Even if we assume that Dr. Cornell’s report constitutes newly discovered evidence, we cannot agree that it was un-discoverable at the time Carneal pled guilty. Obviously, Carneal and his trial counsel were aware of a mental condition, ultimately accepting a plea of “guilty but mentally ill.” Before the plea, Dr. Cornell diagnosed Carneal with schizotypal personality disorder, which he indicated may involve temporary psychotic episodes. While his present diagnosis of schizophrenia is much more severe, the possibility that Carneal was in the midst of a psychotic episode at the time of the shooting was recognized prior to sentencing. More notably, Carneal was given the more severe diagnosis of schizophrenia as early as 1999, yet his motion for a new trial was not filed until 2004. For these reasons, we do not believe the trial court abused its discretion in rejecting Carneal’s motion for a new trial as untimely.

CR 60.02 Motion

Finally, Carneal reiterated his claims for relief under RCr 11.42 and RCr 10.06, arguing they also constitute a “reason of an extraordinary nature justifying relief’ under CR 60.02(f). CR 60.02(f) requires the motion be brought within “a reasonable time.” What constitutes a reasonable time is left to the discretion of the trial court, and a hearing on this issue is not required. Gross v. Commonwealth, 648 S.W.2d 853, 858 (Ky.1983). For the reasons explained supra, we find no abuse of discretion in the trial court’s determination that Carneal’s CR 60.02 motion was untimely.

Conclusion

The opinion of the Court of Appeals is reversed as to Carneal’s RCr 11.42 motion. We affirm the Court of Appeals with respect to the CR 60.02 and RCr 10.02 motions. The judgment of the McCracken Circuit Court is reinstated.
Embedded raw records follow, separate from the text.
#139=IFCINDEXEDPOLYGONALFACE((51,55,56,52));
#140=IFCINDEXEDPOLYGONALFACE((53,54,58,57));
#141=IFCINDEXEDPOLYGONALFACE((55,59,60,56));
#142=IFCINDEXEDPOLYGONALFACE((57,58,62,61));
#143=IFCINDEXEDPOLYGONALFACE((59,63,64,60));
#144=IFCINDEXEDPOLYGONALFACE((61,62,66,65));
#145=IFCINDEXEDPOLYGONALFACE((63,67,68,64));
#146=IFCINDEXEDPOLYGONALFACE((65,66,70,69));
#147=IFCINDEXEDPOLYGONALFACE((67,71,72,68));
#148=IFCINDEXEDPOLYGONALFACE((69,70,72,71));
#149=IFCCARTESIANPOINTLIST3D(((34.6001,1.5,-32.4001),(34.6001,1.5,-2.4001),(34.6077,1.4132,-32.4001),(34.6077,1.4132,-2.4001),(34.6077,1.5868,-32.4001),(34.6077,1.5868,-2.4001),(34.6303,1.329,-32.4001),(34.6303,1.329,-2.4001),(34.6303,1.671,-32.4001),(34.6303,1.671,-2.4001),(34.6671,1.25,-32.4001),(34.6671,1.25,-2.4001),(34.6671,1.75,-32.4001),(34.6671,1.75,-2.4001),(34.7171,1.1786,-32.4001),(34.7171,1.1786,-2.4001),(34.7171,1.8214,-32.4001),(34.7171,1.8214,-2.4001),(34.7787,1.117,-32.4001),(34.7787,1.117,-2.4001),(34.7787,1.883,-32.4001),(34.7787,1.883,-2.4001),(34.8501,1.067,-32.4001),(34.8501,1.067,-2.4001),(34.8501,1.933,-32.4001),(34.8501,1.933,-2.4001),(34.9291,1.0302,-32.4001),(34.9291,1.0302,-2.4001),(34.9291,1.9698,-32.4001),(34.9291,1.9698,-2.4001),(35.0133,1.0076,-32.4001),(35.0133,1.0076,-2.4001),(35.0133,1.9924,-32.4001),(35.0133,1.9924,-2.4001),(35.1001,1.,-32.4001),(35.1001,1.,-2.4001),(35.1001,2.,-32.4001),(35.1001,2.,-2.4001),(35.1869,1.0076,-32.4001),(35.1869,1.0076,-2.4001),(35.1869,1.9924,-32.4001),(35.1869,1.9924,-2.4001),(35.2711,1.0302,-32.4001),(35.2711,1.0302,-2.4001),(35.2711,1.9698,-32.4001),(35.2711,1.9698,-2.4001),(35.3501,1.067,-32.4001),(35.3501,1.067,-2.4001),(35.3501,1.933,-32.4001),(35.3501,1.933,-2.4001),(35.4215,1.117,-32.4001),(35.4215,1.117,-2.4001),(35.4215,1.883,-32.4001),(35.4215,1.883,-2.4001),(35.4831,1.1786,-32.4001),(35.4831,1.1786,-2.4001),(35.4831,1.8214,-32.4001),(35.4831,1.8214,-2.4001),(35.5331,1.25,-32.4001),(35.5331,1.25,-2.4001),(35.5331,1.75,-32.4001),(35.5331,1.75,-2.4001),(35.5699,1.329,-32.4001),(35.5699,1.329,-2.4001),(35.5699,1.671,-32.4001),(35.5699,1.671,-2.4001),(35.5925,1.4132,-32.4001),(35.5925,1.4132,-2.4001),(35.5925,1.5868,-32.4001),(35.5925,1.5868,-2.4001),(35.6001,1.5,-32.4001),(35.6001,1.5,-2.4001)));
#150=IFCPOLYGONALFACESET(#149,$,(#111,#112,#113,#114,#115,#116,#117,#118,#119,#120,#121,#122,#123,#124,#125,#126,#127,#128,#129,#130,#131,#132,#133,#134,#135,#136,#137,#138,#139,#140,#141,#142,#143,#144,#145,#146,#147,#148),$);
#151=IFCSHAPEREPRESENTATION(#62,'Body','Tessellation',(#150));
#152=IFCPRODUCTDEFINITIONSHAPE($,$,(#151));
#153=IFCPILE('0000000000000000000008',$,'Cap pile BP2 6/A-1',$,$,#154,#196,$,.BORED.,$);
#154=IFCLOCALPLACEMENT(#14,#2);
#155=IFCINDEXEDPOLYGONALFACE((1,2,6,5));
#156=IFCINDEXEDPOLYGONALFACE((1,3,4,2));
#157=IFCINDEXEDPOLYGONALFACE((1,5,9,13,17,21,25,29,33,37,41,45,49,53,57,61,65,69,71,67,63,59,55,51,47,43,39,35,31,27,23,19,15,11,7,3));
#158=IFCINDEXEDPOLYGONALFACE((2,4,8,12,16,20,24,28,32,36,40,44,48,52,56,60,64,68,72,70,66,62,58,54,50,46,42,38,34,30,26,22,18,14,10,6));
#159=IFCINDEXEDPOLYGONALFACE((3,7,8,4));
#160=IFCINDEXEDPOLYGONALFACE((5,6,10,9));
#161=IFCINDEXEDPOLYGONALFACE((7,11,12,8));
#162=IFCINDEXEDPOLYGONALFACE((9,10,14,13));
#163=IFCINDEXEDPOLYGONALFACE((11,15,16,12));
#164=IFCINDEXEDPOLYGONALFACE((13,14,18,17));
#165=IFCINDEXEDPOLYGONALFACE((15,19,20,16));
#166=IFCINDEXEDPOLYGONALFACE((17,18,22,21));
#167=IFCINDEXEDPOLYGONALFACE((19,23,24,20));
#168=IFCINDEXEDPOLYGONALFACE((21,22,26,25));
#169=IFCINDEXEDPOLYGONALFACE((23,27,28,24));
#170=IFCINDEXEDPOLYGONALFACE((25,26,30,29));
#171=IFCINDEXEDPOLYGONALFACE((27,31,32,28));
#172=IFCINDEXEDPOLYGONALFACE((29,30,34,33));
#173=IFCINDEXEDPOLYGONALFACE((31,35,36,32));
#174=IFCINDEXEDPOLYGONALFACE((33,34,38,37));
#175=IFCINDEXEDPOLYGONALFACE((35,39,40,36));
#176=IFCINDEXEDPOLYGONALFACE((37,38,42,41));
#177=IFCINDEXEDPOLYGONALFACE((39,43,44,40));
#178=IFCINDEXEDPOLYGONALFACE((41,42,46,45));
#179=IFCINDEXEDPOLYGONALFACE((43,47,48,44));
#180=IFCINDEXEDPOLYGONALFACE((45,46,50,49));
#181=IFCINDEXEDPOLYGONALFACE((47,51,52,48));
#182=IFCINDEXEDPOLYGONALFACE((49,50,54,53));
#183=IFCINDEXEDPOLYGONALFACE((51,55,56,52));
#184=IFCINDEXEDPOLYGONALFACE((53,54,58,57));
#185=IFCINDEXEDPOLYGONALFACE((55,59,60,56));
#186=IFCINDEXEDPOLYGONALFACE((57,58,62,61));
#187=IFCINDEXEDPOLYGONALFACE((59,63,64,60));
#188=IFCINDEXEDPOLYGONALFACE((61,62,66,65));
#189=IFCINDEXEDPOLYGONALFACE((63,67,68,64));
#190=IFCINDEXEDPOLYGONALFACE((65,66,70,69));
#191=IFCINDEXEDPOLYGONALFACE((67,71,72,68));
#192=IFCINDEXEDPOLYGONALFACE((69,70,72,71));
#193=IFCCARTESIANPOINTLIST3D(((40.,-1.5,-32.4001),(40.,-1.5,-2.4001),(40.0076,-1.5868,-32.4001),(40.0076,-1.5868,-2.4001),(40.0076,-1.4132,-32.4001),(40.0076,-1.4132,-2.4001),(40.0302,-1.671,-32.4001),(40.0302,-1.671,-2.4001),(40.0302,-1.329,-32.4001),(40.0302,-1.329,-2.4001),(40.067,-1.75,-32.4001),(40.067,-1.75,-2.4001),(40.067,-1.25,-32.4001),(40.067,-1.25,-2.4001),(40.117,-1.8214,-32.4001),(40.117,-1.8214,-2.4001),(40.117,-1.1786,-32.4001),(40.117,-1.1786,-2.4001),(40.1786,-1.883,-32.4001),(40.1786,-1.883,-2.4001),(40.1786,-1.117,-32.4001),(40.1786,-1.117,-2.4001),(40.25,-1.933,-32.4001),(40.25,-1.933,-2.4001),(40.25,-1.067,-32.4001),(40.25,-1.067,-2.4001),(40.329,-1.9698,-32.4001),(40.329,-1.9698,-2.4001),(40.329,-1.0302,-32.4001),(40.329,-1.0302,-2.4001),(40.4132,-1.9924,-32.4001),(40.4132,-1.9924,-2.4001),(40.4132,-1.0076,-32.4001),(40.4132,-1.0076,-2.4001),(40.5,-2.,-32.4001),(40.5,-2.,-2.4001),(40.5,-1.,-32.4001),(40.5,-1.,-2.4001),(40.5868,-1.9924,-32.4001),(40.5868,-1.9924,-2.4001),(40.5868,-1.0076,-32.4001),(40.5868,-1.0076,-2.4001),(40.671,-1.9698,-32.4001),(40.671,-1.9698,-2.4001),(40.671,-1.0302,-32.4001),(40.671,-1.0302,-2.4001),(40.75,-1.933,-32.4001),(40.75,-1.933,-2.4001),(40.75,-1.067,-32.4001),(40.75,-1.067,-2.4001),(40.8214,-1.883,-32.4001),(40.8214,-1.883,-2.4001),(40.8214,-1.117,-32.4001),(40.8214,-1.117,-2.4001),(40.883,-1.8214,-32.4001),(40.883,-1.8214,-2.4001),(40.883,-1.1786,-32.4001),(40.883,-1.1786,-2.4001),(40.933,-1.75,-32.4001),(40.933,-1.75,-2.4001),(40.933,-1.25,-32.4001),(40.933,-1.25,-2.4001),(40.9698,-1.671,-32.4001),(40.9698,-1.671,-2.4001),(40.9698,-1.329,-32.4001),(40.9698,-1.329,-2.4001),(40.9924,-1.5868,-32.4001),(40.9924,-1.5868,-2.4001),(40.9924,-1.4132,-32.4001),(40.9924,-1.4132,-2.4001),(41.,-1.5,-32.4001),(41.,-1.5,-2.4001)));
ABRAMSON, NOBLE, SCHRODER, SCOTT, VENTERS, JJ., concur. MINTON, C.J., not sitting. 
      
      . Cf. Commonwealth v. Merriman, 265 S.W.3d 196 (Ky.2008). In Merriman, we held that the violent offender statute, KRS 439.3401, does not apply to juveniles who are adjudicated youthful offenders. KRS 640.040(3) states that no youthful offender “shall be subject to limitations on probation, parole or conditional discharge as provided for in KRS 533.060.” We reasoned that the prohibited dispositions found at KRS 640.040(3) include application of the violent offender statute to youthful offenders. Here, however, Carneal’s restriction on probation, conditional discharge, and parole were not imposed by virtue of KRS 533.060 or KRS 439.3401; the restriction was imposed by the sentence itself. We have recognized that life without the possibility of parole for twenty-five years is an allowable sentence for youthful offenders. See Shepherd v. Commonwealth, 251 S.W.3d 309 (Ky.2008).
     
      
      . This circumstance is unique to Carneal’s case as the statute has since been revised to offer the sentencing court more alternatives. Section (2)(b) of the statute allows the trial court to send a youthful offender back to juvenile custody for the completion of a treatment program. However, pursuant to legislative changes in 2001, upon completion of the program, the youthful offender is no longer discharged. Rather, he is returned to the trial court “for a determination under paragraph (a) or (c) of this subsection.”
     
      
      . This holding is limited to the sentencing of youthful offenders. We do not address the separate issue of whether a juvenile disposition is a final judgment subject to collateral attack or if RCr 11.42 is available for that purpose.